A frisson of anticipation shivered along Whitney’s spine. She took a deep, steadying breath and hurried over to the booth. Someone there would recognize her name, if not her face, and report back to their chief. If Weston knew she was here, he would put Chilton on her tail.
“I knew I recognized you. You’re the lady in the photographs.” The same young man who had given her the campaign brochure circled her and sat on the edge of the folding table beneath the tent. His awestruck rendition of spotting a celebrity captured the attention of the two women sitting behind the table. “Are you still a Weston supporter?”
Whitney laughed and lied through her teeth. “Of course I am.

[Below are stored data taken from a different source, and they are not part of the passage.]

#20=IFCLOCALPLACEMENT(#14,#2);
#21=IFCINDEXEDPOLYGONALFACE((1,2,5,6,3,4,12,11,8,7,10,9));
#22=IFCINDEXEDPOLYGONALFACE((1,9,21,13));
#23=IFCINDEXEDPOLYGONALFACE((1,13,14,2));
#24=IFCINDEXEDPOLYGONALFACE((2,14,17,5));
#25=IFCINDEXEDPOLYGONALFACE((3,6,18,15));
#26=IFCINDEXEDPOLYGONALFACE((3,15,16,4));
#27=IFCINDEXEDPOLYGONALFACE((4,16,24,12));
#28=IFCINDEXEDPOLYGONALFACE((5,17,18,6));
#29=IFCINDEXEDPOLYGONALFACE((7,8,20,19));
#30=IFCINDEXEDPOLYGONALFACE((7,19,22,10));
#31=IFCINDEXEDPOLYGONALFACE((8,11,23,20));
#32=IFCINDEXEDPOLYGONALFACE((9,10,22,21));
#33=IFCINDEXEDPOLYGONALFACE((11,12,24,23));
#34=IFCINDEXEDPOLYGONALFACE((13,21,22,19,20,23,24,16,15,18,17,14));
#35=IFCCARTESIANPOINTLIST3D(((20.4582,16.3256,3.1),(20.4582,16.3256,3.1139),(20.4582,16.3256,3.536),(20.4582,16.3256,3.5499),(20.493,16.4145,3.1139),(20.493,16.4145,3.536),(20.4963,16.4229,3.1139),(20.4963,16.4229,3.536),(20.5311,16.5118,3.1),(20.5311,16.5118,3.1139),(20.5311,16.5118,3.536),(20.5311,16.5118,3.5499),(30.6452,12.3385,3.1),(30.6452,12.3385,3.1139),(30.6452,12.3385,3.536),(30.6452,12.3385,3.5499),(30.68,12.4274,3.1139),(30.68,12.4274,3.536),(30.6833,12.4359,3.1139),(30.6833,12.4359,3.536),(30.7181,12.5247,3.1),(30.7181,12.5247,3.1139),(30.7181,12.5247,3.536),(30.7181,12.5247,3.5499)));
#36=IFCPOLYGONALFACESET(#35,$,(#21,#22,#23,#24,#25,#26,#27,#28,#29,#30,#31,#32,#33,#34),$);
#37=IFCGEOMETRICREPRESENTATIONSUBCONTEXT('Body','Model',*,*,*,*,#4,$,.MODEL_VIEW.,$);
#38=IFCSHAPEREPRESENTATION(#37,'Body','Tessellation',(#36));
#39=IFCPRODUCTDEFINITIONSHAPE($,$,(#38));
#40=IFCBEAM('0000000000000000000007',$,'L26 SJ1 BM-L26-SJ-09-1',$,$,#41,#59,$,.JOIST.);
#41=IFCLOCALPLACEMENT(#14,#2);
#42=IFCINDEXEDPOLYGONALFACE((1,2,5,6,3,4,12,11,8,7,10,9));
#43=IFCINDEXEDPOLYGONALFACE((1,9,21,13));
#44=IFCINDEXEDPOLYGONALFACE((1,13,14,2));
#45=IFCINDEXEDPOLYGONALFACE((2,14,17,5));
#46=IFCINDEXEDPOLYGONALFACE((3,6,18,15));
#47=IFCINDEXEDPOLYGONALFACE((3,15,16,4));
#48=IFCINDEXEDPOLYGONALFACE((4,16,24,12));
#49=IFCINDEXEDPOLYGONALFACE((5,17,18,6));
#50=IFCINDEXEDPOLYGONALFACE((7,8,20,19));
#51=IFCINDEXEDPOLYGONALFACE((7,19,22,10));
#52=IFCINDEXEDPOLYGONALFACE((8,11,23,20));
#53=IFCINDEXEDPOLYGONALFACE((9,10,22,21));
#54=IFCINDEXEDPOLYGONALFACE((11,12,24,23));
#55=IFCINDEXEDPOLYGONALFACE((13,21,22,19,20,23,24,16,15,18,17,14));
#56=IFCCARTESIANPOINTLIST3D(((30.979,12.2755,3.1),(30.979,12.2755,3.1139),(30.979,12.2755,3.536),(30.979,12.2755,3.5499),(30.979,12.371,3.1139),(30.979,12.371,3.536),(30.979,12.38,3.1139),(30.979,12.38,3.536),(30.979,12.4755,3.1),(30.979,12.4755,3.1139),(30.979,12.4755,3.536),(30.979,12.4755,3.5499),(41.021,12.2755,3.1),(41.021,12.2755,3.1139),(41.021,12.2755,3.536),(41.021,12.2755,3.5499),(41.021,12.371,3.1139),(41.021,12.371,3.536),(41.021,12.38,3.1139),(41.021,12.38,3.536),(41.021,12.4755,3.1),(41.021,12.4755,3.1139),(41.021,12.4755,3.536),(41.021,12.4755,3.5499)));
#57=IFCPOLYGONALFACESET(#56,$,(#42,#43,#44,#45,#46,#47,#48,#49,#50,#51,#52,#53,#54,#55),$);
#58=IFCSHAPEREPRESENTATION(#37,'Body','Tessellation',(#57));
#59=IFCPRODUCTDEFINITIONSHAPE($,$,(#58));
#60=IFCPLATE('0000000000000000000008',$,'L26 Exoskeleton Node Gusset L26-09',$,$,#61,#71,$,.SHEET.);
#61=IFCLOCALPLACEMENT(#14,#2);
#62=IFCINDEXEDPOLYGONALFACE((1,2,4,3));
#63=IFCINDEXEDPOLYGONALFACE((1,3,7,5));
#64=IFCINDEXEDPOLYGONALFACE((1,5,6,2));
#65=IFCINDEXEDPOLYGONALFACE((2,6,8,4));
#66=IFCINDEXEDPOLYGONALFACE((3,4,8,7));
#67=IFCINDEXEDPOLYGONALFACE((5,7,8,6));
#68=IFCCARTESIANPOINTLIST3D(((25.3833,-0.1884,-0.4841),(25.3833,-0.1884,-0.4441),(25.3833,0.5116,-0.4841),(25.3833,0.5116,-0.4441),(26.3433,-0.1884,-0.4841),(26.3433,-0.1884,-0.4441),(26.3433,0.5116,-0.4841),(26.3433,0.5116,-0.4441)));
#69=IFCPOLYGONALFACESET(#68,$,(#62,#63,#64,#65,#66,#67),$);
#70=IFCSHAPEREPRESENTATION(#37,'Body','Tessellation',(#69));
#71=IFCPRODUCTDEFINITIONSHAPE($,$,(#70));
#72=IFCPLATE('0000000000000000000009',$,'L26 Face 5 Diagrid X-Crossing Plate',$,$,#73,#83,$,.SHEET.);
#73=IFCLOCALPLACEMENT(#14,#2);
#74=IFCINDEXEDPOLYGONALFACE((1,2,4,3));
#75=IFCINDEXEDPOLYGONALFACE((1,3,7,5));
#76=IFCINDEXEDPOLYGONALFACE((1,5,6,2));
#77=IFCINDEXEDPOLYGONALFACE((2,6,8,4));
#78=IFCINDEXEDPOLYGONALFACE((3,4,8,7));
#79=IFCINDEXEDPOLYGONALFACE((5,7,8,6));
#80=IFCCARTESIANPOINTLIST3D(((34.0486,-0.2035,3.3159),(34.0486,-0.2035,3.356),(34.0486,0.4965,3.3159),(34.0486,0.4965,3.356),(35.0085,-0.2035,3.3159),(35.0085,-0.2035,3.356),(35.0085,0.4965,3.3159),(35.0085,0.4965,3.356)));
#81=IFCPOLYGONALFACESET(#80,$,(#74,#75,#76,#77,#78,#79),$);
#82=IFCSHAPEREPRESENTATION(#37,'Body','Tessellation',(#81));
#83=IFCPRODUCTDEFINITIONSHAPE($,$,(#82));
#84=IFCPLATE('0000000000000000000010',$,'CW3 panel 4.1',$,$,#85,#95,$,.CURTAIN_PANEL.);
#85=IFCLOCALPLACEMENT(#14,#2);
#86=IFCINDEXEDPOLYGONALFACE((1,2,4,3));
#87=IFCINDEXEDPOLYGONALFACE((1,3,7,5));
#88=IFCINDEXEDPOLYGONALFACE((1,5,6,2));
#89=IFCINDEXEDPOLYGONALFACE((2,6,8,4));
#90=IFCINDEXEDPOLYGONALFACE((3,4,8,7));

That was all a misunderstanding. I worked for the senator because I believe in what he stands for. I still do.”
“Do you think it’s smart for the senator’s mistress to be seen at his campaign stops?” Though asked without the leering undertones of the reporters she’d encountered in Washington, the question made her cringe.
“I’m not…” No. She had a role to play now. She couldn’t afford the luxury of defending herself. “I just happened to be in Livingston today. I thought I’d stop by and see how preparations were going for the rally tomorrow.”
“Big doin’s,” the young man promised. As he launched into a blow-by-blow account of the senator’s arrival by train and parade to the high school through town, Whitney tuned him out. Instead, she focused on how the two women at the table stared at her, questioning her, condemning her.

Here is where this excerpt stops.